Validating model chronic illness family caregiving
In 2009, nearly 66 million Americans (three in 10 U. households) reported at least one person providing unpaid care as a family caregiver.
More adults with chronic conditions and disabilities are living at home than ever before, and family caregivers have an even higher level of responsibility.
In fact, family caregivers form the foundation of the health care system in the United States, supporting advances in treatment such as multimodality treatment protocols given in outpatient and home settings. Definition: Who Is the Caregiver?
Also referred to as informal caregivers, family caregivers provide a complex array of support tasks that extend across physical, psychological, spiritual, and emotional domains. Generally speaking, more women than men become caregivers, most caregivers are related to the person who has cancer, and most caregivers are aged 55 years or older.[4,5] Family caregivers play an important role in the management of cancer; enlisting their cooperation and including them as the unit of care from the outset are considered critical ingredients to effective cancer management.
This information is produced and provided by the National Cancer Institute (NCI).

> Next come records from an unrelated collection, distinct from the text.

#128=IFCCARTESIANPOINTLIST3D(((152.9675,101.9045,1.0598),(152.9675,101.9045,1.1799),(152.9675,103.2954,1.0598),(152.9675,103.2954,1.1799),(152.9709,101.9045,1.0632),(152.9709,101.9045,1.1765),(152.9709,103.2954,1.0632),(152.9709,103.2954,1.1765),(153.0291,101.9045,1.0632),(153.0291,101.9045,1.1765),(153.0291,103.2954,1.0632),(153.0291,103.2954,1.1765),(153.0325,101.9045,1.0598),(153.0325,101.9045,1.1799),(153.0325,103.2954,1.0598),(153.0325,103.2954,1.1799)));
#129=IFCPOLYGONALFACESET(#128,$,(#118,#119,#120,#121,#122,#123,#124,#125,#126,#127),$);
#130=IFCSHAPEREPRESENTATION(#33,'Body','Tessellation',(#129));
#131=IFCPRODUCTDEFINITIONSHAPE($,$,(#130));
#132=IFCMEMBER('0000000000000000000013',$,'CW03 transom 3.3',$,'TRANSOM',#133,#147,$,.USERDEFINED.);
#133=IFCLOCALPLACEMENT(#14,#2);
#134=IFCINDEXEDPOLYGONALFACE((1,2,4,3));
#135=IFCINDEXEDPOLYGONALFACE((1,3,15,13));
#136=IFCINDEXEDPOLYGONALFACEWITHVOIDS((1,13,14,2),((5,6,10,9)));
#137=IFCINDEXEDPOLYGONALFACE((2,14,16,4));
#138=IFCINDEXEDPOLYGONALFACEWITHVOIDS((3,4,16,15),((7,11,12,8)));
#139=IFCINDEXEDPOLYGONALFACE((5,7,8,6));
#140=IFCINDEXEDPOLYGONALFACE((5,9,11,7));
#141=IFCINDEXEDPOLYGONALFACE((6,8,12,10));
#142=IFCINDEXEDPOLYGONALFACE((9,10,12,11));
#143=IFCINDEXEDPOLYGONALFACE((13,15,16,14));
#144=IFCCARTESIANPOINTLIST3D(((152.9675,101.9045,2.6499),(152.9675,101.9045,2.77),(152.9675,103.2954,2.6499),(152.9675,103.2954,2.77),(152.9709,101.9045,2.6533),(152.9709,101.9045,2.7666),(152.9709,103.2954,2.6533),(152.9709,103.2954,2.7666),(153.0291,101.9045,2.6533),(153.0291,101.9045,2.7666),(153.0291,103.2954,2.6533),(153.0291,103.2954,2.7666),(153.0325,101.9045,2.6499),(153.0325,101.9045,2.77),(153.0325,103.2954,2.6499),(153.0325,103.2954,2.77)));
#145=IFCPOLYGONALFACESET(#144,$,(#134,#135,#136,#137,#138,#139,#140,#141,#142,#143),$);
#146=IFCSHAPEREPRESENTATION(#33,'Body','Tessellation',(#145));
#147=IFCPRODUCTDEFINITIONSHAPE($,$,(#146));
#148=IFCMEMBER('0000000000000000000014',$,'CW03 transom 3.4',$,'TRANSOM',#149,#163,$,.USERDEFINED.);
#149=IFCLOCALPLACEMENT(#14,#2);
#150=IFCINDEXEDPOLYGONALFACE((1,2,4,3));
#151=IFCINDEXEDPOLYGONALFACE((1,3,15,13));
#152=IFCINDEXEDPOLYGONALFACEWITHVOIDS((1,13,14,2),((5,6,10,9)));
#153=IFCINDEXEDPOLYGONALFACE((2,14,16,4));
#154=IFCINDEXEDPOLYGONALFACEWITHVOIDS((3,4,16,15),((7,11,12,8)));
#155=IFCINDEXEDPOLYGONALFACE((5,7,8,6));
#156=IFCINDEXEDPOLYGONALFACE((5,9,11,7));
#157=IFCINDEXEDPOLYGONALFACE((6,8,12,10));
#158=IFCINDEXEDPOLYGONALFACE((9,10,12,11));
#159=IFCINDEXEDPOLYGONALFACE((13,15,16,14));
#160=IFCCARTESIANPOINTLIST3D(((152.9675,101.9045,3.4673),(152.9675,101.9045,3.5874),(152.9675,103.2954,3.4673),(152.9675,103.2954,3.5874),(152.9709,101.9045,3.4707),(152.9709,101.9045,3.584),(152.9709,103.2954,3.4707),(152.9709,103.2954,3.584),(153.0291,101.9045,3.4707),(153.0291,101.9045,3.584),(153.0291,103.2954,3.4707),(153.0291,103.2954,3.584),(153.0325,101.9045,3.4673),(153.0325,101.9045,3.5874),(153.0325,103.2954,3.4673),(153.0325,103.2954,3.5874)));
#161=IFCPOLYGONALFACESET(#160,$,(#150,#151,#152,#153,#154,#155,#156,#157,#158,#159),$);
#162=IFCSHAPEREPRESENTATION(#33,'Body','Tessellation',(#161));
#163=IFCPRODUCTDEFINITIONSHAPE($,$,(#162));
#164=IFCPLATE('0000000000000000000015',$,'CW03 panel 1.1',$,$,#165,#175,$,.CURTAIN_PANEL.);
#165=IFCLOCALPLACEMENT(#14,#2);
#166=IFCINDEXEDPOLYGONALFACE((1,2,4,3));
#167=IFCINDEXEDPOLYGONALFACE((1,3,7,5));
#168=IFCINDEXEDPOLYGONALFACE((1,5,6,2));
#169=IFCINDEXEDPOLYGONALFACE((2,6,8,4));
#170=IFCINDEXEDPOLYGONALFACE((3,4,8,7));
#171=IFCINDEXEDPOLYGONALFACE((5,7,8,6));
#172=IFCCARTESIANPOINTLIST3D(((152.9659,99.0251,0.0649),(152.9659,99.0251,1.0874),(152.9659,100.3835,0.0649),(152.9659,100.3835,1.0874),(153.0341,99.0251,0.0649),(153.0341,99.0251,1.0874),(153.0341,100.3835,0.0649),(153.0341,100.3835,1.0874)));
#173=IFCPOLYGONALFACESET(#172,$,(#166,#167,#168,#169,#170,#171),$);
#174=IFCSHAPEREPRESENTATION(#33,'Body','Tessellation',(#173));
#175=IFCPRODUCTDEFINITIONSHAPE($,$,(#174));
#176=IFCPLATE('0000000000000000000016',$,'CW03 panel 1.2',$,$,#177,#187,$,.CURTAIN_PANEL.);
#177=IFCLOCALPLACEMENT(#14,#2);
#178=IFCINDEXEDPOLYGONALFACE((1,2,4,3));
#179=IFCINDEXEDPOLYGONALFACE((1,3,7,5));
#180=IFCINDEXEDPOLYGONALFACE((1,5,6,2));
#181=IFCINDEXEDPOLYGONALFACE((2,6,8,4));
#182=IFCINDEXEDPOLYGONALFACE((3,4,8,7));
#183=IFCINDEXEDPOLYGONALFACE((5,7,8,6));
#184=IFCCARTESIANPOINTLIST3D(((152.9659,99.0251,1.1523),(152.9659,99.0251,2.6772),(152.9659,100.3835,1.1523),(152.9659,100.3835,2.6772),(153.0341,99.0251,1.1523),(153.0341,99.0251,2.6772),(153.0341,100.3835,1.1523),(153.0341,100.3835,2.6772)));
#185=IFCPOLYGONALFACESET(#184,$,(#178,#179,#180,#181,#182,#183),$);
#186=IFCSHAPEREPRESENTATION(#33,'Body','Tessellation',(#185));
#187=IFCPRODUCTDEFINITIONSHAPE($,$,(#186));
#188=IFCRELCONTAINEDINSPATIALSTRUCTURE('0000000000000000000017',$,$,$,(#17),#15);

The information in this topic may have changed since it was written.
It also dispels common myths about immigrants and emphasizes the need to value the unique attributes and contributions of immigrant populations, particularly with regard to culture and language.

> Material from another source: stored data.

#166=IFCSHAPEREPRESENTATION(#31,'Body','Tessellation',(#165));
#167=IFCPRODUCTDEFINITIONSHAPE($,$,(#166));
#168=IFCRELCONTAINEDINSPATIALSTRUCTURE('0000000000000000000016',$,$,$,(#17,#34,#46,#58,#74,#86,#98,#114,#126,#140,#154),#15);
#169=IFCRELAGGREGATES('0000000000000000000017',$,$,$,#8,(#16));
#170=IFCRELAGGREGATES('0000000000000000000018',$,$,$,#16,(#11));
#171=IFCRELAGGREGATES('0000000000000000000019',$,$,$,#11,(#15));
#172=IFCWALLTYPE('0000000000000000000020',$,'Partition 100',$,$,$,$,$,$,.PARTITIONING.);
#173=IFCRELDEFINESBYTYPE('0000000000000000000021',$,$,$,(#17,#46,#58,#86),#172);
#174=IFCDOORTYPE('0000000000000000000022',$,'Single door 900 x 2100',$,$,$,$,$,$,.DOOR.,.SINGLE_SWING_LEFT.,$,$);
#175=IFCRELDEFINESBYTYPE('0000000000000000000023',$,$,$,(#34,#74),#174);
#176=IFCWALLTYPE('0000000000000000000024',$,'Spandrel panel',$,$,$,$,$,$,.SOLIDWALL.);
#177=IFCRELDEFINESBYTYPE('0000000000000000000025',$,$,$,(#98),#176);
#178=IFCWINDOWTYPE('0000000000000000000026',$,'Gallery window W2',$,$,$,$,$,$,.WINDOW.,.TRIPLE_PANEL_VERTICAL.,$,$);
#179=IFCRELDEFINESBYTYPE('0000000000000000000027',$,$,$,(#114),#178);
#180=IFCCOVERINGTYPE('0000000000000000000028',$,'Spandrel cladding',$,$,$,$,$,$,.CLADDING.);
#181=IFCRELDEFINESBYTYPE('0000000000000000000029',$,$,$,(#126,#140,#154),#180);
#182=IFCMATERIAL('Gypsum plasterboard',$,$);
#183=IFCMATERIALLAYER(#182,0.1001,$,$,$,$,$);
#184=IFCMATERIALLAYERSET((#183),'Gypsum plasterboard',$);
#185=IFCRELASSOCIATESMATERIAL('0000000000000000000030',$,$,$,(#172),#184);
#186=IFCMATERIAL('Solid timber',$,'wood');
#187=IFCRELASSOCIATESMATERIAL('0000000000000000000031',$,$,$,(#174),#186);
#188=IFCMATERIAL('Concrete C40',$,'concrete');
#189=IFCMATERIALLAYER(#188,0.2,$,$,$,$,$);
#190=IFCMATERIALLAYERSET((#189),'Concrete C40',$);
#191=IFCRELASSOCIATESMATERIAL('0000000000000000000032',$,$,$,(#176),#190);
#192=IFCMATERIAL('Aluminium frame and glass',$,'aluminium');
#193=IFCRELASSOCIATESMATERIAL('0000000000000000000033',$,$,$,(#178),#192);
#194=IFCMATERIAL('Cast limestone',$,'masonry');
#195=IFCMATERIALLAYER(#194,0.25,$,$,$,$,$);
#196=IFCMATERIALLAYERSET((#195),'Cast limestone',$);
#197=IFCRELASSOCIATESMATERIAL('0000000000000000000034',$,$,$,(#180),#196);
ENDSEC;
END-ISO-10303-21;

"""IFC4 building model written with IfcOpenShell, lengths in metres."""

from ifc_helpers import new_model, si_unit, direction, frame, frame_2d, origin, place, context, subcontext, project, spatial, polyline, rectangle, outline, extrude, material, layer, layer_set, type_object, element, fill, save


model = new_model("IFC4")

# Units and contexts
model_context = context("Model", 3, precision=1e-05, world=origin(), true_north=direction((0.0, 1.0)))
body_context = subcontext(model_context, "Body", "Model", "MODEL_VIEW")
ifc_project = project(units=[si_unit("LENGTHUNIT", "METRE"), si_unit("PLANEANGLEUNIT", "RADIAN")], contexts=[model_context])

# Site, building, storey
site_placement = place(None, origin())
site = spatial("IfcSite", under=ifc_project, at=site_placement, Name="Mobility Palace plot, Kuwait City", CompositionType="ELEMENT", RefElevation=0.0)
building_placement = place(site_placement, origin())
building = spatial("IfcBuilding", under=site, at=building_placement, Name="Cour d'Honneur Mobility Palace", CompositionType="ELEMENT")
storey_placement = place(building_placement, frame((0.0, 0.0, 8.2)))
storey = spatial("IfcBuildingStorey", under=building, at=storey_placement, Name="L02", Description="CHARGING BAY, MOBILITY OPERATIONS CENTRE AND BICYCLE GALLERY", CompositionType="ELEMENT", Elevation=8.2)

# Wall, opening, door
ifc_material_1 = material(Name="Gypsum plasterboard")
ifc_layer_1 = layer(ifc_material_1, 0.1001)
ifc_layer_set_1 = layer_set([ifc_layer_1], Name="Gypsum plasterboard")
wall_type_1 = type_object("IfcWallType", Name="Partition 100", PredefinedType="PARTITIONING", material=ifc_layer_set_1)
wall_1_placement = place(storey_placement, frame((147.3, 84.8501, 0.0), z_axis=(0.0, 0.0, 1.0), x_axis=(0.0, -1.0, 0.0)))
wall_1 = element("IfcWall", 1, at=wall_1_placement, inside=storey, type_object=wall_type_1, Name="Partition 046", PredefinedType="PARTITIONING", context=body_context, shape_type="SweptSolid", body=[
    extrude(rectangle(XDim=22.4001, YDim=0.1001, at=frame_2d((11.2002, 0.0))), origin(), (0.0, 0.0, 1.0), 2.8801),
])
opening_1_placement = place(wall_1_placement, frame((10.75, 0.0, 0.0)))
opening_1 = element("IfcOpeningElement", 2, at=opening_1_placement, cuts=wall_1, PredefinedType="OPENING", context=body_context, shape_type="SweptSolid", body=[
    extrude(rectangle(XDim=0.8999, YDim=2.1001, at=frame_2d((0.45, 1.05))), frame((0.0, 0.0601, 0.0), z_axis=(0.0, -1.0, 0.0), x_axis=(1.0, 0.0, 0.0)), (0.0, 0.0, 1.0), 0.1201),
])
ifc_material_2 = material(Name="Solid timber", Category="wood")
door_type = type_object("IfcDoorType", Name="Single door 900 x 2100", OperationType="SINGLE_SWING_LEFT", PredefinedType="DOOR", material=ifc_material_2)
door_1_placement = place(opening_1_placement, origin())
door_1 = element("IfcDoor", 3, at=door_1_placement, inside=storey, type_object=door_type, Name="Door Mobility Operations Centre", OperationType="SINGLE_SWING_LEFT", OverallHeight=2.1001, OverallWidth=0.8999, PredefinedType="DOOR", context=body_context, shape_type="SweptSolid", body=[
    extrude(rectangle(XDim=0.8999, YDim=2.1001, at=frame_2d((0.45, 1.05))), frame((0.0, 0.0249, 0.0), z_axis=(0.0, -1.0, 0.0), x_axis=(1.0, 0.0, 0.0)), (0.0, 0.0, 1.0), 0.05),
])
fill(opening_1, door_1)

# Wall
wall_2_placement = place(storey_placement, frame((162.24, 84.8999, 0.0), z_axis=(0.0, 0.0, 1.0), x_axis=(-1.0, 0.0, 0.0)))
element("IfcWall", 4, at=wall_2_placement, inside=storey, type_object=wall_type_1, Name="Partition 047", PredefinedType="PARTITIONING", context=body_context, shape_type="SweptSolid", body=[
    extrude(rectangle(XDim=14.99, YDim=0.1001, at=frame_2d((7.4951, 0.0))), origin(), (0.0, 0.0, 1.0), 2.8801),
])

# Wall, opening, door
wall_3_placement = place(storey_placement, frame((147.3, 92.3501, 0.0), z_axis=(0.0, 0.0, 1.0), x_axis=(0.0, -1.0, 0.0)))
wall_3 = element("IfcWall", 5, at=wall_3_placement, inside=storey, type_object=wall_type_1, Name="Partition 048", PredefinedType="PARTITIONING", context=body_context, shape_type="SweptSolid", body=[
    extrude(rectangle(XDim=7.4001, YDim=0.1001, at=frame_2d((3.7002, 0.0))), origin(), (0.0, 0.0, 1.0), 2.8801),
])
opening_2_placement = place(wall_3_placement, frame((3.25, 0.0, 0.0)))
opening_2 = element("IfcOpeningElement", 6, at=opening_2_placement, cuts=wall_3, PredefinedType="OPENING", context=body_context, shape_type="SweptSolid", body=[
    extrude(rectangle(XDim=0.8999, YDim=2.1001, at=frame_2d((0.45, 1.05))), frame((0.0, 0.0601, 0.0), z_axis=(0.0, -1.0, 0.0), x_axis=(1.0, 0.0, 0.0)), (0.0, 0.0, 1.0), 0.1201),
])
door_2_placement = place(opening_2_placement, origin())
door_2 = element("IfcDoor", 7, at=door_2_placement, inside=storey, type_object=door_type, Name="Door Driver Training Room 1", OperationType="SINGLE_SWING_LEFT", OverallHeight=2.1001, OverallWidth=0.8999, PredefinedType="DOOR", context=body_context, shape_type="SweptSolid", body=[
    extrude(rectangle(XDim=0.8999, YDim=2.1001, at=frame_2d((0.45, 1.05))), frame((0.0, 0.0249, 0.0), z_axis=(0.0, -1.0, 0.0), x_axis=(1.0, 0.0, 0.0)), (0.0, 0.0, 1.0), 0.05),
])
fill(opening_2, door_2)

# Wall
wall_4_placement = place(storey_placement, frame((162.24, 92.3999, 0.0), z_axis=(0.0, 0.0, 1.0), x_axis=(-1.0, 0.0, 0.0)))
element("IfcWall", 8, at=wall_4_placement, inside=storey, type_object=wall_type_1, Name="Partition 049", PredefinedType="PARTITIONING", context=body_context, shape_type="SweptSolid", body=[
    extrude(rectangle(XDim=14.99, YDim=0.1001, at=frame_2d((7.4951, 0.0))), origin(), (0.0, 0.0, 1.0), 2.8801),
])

Additional support and anticipatory guidance for the care recipient and caregiver are particularly helpful during care transitions and at the care recipient's end of life. By 2030, one in five adults will be 65 years or older.2In addition to the growing demand for caregivers, family caregiving has been affected in several important ways over the past five years: caregivers and care recipients are older and have higher levels of disability than in years past; the duration, intensity, and burden of care has increased; the financial cost associated with informal caregiving has risen; and the use of paid formal care has declined significantly.5Encouraging caregivers to take a break, take care of their own health, maintain a healthy diet, exercise, seek preventive health care, join a support group, and seek respite care when needed are key ways to provide direct caregiver support.Most oncology teams recognize this and try to include family caregivers in treatment planning, decision making, and implementation. However, for interventions to be feasible, they must be appropriate within the constraints of busy oncology practices and service delivery environments. Short-term hospital admissions may also restrict the time available to implement supportive strategies for caregivers.Information about the following is included in this summary: In this summary, unless otherwise stated, evidence and practice issues as they relate to adults are discussed.Caregivers have their own emotional responses to patients’ diagnoses and prognoses, and they may require coaching and emotional support separate from that offered to patients.[1,2] Caregiver roles and caregiver burden are profoundly affected by a patient’s prognosis, stage of illness, and goals of care.The existing body of work on family caregivers of patients with cancer focuses primarily on a caregiver’s adjustment during the acute survivorship phase, from the time of diagnosis to 2 years postdiagnosis. As open communication and diagnostic disclosure for patients have gained in popularity, studies have focused on the impact of truth-telling on patients, and guidelines for such communication have been developed.[4,5] Although caregivers are sometimes included in these studies, little attention has been paid to caregivers’ specific informational needs and preferences for diagnostic information or to caregivers’ readiness or willingness to integrate this new medical information.